If all goes according to plan, construction will begin in June. The project hit a snag late last year when a local company that had partnered with the WCROC to design and build the system had to bow out, but new partners have been found and things are again moving forward.
In the second part of the project, scientists will study how wind could make hydrogen and in turn, how the hydrogen could be used to make anhydrous ammonia used in fertilizer. Because anhydrous ammonia is derived from natural gas, fertilizer prices go up and down with the volatile natural gas market, creating economic hardship for farmers.
While right now natural gas prices are down—leading to lower fertilizer costs—there’s no guarantee that won’t change, Reese says. “A lot of how this works out economically will depend on the price of natural gas. The United States Energy Information Agency has projected that natural gas will continue to rise in price over the next 20 years; over and above the equivalent cost of electrical energy.”
Making the project a commercial venture also may depend on creating some economic incentives for those who adopt it, he adds. “In any emerging industry, it takes incentives as well as changes in the infrastructure. When we made the transition from horse-and-carriage to cars, there had to be a shift. We’re going to see that same kind of change in energy production.”

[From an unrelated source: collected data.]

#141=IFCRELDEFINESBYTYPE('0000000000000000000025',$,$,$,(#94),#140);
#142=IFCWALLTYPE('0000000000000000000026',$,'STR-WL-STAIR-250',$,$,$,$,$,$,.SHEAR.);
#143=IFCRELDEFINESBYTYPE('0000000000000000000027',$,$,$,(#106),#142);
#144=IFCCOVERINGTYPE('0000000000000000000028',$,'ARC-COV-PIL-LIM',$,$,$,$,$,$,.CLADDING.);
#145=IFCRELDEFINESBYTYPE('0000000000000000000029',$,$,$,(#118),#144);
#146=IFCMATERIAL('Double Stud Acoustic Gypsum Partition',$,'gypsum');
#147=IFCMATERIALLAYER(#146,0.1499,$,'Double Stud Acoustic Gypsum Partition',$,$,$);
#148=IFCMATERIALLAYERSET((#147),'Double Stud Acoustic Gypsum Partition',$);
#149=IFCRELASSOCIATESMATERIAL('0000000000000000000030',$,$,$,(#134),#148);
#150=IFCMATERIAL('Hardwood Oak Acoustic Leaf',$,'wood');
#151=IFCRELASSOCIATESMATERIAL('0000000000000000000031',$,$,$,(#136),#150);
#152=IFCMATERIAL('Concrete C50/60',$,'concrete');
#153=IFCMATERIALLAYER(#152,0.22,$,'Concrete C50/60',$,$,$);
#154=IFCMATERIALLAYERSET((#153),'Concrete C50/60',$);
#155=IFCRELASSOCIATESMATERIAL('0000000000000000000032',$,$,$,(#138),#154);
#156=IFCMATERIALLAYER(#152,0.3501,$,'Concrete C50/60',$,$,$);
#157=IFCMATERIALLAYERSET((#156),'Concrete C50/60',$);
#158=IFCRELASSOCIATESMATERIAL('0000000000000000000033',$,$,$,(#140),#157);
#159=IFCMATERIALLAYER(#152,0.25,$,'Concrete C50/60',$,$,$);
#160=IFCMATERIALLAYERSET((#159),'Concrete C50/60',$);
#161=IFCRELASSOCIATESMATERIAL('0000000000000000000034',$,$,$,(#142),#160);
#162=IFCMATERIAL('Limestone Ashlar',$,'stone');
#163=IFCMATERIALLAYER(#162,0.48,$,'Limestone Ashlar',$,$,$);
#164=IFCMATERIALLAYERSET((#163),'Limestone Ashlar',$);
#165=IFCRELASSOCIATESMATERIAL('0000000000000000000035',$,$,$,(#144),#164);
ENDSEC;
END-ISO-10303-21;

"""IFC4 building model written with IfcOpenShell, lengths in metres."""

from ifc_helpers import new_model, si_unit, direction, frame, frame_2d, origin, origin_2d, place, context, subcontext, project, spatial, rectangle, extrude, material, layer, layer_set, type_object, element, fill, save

While the technology might not work on an individual farm scale, it might be viable at a county- or region-wide scale. Eventually, farmers might work together in a cooperative arrangement to buy the equipment and use it to make their own fertilizer.
“It’s amazing how much interest there is in this project from both the agricultural and wind-energy communities,” Reese says. “We need to take control of our own destiny and develop the technology that will allow us to keep money in our rural areas.”